If a genuine planetary wisdom-culture fully emerges and becomes stable, then “business as usual, industrial growth society, unchecked corporate rule, unsustainable modes of production and consumption”—everything David Korten defines as “empire” in his book, The Great Turning—must fall. If all this occurs, what is now countercultural will become mainstream, and this turn of the spiral will be a final turn—a singularity. Whether this “subterranean and occult reality” in the words of the influential Edgar Morin, will actually come to pass is uncertain, but whether it leads to a long menu of disasters and apocalyptic grief or to a genuine new planetary wisdom-culture, there is “neither stopping nor turning back.”

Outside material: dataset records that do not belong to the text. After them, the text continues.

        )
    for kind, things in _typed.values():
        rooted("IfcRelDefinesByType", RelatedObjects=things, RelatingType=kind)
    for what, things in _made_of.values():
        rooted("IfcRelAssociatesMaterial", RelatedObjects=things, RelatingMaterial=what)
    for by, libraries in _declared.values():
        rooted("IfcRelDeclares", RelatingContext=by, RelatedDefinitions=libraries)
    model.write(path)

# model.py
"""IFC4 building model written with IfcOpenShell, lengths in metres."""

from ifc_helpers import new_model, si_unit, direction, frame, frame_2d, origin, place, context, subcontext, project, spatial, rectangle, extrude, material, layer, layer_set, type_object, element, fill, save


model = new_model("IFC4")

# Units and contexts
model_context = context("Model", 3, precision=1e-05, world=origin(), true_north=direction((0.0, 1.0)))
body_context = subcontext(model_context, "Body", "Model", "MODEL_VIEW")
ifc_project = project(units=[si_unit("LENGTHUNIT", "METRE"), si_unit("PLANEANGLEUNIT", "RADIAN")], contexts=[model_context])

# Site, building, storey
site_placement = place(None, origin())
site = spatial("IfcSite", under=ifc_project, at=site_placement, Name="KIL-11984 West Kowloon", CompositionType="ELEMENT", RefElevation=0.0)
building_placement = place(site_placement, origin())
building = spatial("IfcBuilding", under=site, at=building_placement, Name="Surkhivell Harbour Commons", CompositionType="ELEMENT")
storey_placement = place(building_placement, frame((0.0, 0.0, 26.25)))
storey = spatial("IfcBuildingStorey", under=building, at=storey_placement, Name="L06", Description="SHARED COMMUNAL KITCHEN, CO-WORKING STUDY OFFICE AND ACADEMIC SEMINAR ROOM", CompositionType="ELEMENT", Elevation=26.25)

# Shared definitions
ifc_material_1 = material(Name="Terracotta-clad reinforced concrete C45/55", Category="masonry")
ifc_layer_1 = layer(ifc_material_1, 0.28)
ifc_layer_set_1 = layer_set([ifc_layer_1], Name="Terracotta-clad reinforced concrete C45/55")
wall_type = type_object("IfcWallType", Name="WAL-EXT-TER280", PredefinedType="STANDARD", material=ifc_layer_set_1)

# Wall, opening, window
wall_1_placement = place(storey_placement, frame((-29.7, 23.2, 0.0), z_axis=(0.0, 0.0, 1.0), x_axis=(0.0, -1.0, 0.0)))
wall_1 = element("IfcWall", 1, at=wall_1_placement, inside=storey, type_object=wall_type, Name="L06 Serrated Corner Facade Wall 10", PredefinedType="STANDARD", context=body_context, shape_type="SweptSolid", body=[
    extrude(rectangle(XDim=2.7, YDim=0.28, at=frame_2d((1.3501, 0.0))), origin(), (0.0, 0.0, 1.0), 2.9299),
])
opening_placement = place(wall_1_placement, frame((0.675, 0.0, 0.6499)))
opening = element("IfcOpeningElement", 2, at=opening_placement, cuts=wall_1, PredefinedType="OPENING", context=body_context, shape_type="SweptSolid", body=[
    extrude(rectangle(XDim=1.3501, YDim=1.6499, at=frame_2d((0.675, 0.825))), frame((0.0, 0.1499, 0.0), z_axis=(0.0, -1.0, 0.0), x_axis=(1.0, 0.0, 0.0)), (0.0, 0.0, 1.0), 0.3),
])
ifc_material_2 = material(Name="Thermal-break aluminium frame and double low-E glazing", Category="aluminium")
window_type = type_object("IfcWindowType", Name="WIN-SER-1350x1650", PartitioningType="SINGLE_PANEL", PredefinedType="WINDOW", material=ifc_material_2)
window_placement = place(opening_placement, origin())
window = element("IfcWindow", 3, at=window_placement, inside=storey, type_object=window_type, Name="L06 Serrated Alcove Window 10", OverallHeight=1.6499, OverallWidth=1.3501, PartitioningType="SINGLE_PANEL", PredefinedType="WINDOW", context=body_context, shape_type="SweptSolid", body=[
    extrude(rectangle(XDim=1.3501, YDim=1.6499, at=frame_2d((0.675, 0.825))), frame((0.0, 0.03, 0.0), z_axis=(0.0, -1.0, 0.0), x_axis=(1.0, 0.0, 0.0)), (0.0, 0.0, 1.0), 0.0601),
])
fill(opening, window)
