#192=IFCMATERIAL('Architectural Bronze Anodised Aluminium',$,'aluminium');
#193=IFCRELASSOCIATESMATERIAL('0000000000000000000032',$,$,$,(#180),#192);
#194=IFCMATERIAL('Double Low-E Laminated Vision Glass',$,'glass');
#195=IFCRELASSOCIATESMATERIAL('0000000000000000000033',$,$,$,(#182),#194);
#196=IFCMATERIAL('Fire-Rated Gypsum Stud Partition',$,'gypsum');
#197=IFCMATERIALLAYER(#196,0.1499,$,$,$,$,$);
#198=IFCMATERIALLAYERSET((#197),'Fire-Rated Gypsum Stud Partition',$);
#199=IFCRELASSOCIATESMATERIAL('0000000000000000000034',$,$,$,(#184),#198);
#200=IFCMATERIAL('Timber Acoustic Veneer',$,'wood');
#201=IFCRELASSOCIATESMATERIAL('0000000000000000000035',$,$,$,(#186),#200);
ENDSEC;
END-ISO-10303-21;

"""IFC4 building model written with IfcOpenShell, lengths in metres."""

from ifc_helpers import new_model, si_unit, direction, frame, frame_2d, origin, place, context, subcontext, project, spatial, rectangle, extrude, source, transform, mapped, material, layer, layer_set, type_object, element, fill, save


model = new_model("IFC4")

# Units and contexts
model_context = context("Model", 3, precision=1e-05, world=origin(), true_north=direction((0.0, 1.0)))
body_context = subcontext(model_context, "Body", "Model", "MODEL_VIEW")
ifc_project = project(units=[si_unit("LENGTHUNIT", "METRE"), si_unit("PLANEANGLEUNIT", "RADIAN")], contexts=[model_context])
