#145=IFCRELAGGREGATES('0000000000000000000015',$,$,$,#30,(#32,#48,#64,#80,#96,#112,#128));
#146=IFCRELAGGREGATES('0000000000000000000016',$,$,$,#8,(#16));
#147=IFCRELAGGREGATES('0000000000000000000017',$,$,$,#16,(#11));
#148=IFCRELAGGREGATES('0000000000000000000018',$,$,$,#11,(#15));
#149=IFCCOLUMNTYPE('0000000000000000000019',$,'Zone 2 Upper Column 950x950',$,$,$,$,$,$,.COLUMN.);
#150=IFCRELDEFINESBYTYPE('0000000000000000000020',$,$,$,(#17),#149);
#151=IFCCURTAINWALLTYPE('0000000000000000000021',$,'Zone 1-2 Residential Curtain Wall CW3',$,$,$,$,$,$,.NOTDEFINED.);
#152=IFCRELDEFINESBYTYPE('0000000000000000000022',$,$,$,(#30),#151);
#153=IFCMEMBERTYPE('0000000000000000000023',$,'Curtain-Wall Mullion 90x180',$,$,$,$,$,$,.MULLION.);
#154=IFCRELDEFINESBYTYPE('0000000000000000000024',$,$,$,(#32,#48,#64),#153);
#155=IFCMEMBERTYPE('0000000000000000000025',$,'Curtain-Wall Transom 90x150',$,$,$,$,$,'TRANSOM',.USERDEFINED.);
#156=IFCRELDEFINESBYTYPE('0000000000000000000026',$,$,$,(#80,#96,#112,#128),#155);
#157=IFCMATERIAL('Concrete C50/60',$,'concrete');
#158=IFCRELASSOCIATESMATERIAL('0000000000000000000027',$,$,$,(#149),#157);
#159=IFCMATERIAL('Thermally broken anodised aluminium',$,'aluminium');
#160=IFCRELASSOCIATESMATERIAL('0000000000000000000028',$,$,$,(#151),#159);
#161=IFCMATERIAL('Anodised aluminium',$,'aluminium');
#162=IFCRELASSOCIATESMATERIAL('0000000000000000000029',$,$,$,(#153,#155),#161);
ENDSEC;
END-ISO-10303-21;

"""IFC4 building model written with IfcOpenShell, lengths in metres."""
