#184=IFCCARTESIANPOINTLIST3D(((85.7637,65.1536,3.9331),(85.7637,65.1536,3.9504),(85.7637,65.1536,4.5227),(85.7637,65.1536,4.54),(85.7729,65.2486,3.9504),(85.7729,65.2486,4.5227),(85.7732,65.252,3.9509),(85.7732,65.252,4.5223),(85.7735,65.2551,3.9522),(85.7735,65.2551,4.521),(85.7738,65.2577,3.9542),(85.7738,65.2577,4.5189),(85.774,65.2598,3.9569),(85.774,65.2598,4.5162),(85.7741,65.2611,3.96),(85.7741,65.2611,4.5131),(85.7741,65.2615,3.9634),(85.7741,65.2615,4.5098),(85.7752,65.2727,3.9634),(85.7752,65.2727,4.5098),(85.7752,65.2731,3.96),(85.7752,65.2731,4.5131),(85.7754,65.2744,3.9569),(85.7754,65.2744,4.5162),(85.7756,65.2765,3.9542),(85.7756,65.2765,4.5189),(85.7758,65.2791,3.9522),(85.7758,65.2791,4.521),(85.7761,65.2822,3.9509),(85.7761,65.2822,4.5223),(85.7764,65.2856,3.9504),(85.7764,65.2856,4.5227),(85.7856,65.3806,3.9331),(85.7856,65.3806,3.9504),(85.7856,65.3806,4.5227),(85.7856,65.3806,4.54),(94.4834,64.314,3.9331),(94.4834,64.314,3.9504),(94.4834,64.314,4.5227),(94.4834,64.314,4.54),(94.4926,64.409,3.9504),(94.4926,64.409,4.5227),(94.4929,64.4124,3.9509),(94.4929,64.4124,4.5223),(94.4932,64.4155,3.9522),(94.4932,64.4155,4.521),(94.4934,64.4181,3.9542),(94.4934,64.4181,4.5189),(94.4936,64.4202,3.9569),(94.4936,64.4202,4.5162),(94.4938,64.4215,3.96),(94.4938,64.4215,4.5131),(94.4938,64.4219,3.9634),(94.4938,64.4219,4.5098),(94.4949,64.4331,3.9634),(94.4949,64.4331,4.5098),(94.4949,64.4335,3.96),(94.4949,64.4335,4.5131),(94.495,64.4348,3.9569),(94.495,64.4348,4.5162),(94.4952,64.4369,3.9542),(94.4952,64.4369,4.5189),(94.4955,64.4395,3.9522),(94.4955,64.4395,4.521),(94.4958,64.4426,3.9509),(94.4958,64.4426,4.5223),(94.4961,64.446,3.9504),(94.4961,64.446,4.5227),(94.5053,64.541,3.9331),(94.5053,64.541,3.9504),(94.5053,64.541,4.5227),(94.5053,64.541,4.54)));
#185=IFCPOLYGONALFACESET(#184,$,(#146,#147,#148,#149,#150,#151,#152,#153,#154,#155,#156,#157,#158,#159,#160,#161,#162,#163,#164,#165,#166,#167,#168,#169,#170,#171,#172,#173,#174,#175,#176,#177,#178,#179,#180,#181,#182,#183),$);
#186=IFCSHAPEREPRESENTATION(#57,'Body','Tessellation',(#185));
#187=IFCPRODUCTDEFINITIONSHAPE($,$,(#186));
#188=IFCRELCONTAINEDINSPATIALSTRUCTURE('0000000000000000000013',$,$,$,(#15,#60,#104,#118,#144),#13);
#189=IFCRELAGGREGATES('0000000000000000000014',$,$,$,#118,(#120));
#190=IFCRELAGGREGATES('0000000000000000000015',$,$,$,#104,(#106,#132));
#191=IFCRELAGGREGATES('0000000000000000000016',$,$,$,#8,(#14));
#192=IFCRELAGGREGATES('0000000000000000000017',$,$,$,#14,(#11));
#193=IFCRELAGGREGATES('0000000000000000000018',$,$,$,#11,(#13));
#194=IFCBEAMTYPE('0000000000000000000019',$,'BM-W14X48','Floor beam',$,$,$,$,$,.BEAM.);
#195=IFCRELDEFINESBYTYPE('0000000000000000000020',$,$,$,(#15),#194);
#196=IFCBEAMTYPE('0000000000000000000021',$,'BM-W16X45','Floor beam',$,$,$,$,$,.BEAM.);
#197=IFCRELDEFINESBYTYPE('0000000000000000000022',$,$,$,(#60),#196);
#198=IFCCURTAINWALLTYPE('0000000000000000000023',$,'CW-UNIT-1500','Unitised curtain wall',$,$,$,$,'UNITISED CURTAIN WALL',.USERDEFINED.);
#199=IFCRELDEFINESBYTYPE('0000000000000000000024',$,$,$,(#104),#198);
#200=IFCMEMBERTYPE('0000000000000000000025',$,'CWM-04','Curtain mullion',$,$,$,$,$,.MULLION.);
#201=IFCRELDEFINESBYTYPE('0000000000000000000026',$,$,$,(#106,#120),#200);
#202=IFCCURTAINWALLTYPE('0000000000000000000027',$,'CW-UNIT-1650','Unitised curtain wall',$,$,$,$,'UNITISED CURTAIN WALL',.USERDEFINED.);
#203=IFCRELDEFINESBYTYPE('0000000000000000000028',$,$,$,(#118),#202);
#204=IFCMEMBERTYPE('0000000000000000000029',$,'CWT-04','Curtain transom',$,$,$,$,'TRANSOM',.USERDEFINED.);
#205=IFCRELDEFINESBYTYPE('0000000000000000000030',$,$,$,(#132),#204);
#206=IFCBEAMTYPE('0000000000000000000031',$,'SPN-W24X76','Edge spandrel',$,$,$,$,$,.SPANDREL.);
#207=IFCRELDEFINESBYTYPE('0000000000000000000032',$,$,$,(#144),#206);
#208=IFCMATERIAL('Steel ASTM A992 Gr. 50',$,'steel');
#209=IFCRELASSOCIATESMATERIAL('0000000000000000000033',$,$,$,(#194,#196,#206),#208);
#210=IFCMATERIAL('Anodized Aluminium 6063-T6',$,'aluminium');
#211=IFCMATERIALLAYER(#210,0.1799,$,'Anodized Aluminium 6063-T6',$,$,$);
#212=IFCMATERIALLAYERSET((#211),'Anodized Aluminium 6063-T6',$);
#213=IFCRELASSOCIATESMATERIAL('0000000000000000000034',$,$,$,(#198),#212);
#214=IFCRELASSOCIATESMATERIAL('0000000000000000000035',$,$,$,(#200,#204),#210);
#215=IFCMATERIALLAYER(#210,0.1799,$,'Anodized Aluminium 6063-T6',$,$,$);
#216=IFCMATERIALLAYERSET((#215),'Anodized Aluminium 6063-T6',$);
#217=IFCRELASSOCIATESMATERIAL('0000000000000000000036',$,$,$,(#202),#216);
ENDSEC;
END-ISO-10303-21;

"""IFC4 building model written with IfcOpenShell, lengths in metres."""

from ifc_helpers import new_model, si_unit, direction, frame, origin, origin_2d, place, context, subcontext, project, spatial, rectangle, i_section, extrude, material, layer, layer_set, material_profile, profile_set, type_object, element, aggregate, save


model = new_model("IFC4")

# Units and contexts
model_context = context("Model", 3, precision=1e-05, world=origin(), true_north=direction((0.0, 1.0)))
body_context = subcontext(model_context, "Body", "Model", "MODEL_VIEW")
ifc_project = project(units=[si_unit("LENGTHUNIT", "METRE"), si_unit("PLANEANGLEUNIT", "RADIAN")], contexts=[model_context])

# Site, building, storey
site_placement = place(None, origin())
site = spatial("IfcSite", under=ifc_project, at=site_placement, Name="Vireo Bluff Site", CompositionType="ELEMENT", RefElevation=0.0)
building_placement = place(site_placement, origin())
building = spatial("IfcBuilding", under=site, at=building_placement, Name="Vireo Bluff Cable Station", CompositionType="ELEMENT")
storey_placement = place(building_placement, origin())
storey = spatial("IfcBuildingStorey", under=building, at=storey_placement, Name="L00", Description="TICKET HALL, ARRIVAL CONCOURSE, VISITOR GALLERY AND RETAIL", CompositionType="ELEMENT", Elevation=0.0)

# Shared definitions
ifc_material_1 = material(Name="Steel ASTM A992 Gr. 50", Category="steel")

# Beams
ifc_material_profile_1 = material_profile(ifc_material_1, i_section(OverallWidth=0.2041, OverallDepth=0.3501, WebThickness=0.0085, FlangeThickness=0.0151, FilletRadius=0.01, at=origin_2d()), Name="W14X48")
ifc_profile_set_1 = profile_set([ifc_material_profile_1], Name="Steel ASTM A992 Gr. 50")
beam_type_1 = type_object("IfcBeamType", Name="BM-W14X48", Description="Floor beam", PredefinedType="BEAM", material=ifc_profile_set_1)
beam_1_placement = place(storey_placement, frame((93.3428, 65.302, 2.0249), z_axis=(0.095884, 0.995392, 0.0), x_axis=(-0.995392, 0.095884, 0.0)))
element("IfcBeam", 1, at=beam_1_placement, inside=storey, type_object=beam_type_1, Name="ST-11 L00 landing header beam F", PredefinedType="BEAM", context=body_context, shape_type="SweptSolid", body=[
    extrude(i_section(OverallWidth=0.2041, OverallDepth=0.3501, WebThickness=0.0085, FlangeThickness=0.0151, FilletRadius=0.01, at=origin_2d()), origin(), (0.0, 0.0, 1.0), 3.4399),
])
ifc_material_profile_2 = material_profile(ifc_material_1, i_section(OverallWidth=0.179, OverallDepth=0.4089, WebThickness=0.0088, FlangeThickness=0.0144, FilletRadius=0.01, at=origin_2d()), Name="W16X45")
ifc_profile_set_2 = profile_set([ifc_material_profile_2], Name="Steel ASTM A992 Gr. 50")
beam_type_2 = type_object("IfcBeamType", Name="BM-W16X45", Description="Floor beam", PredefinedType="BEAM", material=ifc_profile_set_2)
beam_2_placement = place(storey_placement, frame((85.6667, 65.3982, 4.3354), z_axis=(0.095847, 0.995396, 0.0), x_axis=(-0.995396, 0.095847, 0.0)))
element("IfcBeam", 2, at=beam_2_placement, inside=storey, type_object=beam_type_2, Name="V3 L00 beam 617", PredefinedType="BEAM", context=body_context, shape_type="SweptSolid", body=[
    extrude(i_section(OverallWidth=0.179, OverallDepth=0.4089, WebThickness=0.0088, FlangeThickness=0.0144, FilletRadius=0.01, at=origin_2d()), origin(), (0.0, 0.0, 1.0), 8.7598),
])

There are those who may find Kelly’s account to be an exercise in ultra-determinism or reductionism by way of metapatterns. Big pictures are not fashionable. Many people are more comfortable with a history that is “one damn thing after another,” or tend to align themselves with Henry Ford: “History is more or less bunk.” A similar skepticism has sometimes greeted the work of Kelly’s colleague, Richard Tarnas, in response to his 'Cosmos and Psyche'. Isn’t it tempting for Kelly and Tarnas to find within the vast wealth of cultural and historical events sufficient examples to conform to their patterns of choice? Are Kelly’s fractal arcs influenced, at least in part, by his own political leanings? Does he accord sufficient recognition to the second phase of the triphasic pattern, the differential moment that always seems to constrict human energy?

Works of this scope and daring invite such questions. Kelly’s thesis will not be found provable by the exacting standards of a Karl Popper, to be sure, but how could they be? The value in what Sean Kelly presents in 'Coming Home' is his faith in an organizing idea, in the reality of meaning and purpose rather than an easy capitulation to the flavor of the times—contingency, and it is in the imaginative insight of his vision, the passion that flames in its pages. The sense of “evidence,” as Georg Kühlewind has pointed out, cannot be demonstrated by pointing to yet another thought, but is rather to be grasped as a cognitive feeling of wholeness and completion.